「Voyager: An Open-Ended Embodied Agent with Large Language Models」を読んだメモ

「Voyager: An Open-Ended Embodied Agent with Large Language Models」を読んだメモです。

Abstract

1) an automatic curriculum that maximizes exploration, 2) an ever-growing skill library of executable code for storing and retrieving complex behaviors, and 3) a new iterative prompting mechanism that incorporates environment feedback, execution errors, and self-verification for program improvement.

とくに 2) の動作をスキルライブラリとして保存することや、3) の検証まわりが気になった。

2 Method

2.2 Skill Library

Adding a new skill. Each time GPT-4 generates and verifies a new skill, we add it to the skill library, represented by a vector database.

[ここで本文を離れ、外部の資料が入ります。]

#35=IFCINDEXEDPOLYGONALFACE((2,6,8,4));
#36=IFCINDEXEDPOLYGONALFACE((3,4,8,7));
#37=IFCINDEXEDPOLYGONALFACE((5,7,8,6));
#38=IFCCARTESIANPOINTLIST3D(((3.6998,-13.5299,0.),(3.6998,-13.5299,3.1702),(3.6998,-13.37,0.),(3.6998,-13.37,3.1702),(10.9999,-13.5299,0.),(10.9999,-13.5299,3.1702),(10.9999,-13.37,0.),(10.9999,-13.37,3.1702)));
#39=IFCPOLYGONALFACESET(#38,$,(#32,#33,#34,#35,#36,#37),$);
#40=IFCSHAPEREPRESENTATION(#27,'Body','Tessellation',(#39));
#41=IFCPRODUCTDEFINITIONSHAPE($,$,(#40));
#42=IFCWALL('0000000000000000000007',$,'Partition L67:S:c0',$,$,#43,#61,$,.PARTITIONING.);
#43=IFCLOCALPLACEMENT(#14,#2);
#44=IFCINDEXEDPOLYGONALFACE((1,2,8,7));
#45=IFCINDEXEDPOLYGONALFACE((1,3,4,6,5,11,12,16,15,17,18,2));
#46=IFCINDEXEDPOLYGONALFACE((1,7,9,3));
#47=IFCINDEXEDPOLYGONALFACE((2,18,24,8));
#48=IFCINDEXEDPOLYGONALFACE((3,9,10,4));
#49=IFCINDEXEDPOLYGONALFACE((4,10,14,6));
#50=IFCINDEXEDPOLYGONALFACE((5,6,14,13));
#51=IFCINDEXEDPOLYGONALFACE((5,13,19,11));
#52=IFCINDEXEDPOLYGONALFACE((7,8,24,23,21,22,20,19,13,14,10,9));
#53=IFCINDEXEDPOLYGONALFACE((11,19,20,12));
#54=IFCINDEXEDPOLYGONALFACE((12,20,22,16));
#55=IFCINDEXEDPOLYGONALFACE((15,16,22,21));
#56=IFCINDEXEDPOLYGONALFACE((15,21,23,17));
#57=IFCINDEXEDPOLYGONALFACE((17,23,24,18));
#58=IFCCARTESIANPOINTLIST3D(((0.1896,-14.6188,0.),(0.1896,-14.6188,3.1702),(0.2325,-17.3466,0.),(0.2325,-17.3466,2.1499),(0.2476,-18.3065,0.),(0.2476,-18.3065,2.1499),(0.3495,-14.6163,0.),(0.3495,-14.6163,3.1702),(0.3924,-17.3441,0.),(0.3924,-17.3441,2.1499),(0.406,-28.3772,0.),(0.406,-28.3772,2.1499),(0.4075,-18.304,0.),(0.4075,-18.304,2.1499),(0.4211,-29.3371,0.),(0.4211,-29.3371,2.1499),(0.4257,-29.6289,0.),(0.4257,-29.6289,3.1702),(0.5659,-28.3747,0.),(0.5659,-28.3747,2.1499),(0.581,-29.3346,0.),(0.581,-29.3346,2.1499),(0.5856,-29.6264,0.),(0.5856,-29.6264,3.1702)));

スキルを生成して検証したら、ベクトルデータベースに保存するとのこと。

2.3 Iterative Prompting Mechanism

3 種類のフィードバックをするとのこと。

環境（マインクラフト）からのフィードバック
実行エラー
タスクの成功の検証

Instead of manually coding success checkers for each new task proposed by the automatic curriculum, we instantiate another GPT-4 agent for self-verification.

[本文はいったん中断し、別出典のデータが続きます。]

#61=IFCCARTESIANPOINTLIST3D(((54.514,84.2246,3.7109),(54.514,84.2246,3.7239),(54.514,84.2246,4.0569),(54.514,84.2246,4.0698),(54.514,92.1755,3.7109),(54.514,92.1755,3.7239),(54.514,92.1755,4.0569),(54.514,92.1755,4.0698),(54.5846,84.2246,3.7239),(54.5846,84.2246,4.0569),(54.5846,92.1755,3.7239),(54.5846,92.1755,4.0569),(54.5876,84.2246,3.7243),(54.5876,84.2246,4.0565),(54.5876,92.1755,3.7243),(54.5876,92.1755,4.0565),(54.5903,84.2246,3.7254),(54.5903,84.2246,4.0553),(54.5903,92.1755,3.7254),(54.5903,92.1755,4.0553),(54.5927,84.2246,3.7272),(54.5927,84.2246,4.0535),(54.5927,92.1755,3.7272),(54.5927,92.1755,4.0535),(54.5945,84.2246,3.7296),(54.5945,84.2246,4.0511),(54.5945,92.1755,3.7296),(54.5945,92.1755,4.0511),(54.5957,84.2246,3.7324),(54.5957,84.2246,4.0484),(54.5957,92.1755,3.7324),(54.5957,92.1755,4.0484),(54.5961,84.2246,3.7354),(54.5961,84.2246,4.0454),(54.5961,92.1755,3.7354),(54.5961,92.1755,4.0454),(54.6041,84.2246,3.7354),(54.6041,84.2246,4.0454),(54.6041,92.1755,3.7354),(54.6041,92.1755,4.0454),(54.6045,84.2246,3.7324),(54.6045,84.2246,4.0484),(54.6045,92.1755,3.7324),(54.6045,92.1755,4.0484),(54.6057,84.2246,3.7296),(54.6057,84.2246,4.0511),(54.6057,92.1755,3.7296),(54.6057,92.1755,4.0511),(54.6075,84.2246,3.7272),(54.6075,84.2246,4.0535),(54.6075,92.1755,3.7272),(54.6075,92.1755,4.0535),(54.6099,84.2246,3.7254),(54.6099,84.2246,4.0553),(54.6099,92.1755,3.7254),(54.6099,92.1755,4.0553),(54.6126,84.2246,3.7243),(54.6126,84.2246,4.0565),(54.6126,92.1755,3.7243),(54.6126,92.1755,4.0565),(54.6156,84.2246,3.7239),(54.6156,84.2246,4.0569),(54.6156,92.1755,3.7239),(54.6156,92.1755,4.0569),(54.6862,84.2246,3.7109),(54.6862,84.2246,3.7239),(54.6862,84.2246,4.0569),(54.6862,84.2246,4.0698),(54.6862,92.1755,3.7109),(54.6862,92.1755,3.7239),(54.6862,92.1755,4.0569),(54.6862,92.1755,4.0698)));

別の GPT-4 インスタンスに検証させるとのこと。

3 Experiments

3.2 Baselines

ベースラインとして ReAct、Reflexion、AutoGPT と比較するとのこと。

therefore we have to re-interpret them to be executable in MineDojo and compatible with our experimental setting:

「MineDojo」でプレイ可能なように実装し直した？ MineDojo は Minecraft の API のようなもの？

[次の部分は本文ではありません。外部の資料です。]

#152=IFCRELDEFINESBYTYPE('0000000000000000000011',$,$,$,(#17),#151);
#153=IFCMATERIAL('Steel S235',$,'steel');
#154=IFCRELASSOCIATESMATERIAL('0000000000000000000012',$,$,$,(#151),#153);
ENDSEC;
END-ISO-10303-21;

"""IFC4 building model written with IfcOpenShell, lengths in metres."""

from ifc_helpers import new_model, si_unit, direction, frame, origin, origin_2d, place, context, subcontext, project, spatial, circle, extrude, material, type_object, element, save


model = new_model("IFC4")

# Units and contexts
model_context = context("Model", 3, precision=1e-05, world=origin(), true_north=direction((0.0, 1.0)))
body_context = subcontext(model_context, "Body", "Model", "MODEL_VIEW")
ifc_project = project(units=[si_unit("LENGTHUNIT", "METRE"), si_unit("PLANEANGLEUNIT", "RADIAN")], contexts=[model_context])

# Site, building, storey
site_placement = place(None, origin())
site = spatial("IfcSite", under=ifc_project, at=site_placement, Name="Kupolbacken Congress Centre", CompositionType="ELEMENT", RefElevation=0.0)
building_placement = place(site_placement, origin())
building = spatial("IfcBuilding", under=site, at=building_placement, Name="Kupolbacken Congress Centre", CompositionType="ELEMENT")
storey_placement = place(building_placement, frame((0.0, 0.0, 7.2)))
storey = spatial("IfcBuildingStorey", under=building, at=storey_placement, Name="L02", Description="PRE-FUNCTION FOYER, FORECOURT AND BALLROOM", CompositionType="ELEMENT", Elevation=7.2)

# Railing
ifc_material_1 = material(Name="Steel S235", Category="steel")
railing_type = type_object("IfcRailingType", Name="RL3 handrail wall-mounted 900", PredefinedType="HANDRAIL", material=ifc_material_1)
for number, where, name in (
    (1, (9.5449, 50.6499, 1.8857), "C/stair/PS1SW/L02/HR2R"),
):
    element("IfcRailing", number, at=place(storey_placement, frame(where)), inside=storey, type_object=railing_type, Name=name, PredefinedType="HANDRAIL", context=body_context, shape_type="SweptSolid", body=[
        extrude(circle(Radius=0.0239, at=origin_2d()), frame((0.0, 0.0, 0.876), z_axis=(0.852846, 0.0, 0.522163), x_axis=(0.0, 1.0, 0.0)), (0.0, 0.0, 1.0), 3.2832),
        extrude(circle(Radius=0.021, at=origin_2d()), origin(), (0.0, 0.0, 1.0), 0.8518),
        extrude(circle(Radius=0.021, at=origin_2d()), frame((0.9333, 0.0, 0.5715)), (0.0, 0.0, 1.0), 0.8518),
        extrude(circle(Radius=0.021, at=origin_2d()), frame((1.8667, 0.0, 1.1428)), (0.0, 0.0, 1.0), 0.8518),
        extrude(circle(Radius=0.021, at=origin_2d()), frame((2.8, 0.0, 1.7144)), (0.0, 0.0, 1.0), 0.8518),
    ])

https://github.com/MineDojo/MineDojo

Voyager は Mineflayer を使っているとのこと。 Mineflayer は、Minecraft の JS/Python API。

https://github.com/PrismarineJS/mineflayer

3.5 Multimodal Feedback from Humans

この時点では GPT-4 は Vision がなかったとのこと。

We demonstrate that given human feedback, Voyager is able to construct complex 3D structures in Minecraft, such as a Nether Portal and a house (Fig. 10). There are two ways to integrate human feedback:

人間からのフィードバックがあると、3D の建造物を建てたりできたとのこと。